7.2 ) Sonepro owns intellectual property rights and an exclusive usage right for designs and models created by it, whether registered with the INPI or not. Sonepro may reserve for a customer the distribution of a given model for a given period, specified in the estimate.
7.3 ) Designs and models resulting from modifications or improvements made by Sonepro to a design, model, “brief” or sketch supplied by the customer are considered to be collaborative work. This collaborative work will be the joint property of Sonepro and the customer and may not be used, reproduced, exploited, distributed or modified by the customer without prior agreement obtained from Sonepro.
7.4 ) In case of any return of goods that do not comply, on court decision or with the agreement of Sonepro, the latter will be free to resell the goods returned to third parties, even if they bear a trademark or commercial name or if the model belongs to the customer.
7.5 ) Prototypes, samples, models and designs communicated to the customer remain the property of Sonepro and may not be shown or entrusted to third parties. Should be project not be carried out, they must be returned to Sonepro.

8) Confidentiality:
Sonepro undertakes to respect the confidentiality of all its customer’s product projects or planned sales promotions, about which it is consulted until such time as the plan is revealed to the public. However, Sonepro cannot be held liable for any indiscretions made by any of its competitors who may be consulted by the customer.

9) Liability:
Sonepro is exonerated from all contractual liability in case of failure to perform, partial performance or late performance of its obligations due to force majeure, due to an unforeseeable and irresistible external event or caused by a third party.
If its contractual liability were to be incurred, it would be limited to the actual, direct loss suffered by the customer, to the exclusion of any lost income, commercial loss, loss of operations or penalty clause. Sonepro cannot be held liable for the damaging consequences of any wrongful use of the product sold or any usage other than for its specific purpose.

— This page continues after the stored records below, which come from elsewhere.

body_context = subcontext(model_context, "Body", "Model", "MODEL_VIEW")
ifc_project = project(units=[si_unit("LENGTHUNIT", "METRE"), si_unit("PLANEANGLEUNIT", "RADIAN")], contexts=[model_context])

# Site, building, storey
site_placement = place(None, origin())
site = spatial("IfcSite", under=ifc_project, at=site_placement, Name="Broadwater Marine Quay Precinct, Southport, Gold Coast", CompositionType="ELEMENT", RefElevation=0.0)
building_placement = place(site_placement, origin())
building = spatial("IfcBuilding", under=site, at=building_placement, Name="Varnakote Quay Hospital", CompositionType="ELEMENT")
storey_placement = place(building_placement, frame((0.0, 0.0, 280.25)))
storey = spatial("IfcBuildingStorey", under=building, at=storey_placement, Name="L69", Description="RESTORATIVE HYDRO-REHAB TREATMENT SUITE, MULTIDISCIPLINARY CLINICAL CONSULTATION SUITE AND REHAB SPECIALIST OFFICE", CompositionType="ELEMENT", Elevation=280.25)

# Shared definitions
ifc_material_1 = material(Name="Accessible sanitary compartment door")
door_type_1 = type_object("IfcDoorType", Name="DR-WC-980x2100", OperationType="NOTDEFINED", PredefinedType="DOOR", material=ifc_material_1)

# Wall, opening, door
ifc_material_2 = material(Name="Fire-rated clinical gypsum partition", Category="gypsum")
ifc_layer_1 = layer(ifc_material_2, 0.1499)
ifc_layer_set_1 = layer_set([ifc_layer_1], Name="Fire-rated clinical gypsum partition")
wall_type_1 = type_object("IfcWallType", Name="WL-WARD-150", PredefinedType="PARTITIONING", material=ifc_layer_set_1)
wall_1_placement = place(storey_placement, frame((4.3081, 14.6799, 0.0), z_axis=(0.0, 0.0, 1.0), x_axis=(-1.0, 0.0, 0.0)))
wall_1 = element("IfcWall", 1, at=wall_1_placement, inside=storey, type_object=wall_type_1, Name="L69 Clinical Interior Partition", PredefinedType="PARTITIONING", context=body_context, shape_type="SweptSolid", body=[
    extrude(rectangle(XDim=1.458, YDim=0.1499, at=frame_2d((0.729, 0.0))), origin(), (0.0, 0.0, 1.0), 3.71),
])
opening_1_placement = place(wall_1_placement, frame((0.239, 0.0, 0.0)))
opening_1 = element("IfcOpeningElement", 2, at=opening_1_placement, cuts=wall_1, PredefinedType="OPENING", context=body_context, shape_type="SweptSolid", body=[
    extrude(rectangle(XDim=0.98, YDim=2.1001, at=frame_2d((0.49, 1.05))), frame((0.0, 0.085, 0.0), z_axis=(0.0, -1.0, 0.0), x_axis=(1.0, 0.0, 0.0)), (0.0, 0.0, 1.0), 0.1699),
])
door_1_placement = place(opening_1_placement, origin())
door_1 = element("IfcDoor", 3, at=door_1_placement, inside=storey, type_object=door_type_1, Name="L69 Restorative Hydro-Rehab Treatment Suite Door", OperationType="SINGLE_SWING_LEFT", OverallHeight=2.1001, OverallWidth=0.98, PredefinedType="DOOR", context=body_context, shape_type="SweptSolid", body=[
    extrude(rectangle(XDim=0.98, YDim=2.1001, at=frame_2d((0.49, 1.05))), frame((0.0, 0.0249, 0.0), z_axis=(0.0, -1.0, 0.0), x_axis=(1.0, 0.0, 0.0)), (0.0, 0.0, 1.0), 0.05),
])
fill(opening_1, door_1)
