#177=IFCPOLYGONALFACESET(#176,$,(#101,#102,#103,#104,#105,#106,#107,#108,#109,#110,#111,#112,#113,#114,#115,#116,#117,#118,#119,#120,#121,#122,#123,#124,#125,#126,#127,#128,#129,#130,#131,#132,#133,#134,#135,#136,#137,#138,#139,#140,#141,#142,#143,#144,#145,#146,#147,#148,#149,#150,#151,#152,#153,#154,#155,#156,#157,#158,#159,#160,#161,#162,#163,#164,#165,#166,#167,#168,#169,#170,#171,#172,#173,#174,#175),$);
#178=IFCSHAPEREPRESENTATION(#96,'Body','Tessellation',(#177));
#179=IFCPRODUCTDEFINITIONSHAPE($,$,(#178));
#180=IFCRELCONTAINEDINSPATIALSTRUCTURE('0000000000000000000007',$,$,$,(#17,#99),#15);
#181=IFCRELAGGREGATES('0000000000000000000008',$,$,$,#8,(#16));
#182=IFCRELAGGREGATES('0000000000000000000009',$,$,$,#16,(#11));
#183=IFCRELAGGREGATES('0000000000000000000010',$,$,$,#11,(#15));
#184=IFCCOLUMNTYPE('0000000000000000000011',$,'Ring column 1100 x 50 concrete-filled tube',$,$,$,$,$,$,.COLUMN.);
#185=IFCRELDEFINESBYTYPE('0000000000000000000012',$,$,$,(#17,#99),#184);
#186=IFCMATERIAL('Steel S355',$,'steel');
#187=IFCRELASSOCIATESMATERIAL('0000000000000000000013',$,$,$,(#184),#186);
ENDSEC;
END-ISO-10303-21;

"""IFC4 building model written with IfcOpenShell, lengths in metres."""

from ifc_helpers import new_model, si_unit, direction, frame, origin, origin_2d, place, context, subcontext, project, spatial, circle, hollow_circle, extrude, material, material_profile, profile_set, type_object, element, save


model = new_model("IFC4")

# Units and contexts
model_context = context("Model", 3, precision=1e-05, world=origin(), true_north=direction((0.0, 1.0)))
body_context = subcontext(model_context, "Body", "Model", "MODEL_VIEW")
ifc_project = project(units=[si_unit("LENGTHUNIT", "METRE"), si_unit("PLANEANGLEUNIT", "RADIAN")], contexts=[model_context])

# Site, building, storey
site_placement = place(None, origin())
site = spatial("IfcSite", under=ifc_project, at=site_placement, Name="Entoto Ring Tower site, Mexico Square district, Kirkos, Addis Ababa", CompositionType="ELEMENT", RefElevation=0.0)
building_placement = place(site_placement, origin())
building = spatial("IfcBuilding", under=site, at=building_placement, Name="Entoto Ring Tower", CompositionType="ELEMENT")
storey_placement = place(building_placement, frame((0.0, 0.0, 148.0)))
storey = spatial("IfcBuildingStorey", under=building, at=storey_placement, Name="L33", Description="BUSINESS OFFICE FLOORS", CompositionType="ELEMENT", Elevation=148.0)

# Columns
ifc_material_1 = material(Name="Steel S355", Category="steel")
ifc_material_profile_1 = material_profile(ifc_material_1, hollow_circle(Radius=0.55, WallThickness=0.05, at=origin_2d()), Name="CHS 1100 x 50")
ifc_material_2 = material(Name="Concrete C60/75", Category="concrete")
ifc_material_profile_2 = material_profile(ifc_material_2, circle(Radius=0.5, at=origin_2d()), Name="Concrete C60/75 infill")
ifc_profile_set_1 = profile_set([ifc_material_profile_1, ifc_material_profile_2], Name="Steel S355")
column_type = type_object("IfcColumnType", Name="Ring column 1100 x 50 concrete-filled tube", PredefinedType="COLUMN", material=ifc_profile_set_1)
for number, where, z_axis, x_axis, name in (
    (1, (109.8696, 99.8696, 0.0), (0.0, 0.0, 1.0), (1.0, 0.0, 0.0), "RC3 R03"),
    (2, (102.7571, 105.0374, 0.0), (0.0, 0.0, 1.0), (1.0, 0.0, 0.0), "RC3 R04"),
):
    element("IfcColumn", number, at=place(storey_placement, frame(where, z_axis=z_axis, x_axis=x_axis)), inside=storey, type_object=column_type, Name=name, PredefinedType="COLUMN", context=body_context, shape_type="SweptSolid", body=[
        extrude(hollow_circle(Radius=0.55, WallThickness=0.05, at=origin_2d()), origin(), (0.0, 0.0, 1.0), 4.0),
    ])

10) Disputes, allocation of jurisdiction:
Should Sonepro have recourse to the courts to obtain from the purchaser performance of its obligations and if the courts find in favour of Sonepro’s request, even partially, the purchaser must pay, independently of its sentence and the legal costs for which it is liable, a flat-rate compensation amount of 1,500 euros, as a fixed penalty clause within the meaning of article 1229 of the Civil Code.
Exclusive jurisdiction is granted to the Paris Commercial Court, even in case of plurality of defendants and call on guarantee.
Only domestic French law is applicable to these general sales terms.

11) Independence of clauses:
Should the validity of any one of the clauses be challenged by a court with jurisdiction, the other provisions of these General Sales Terms will remain in force.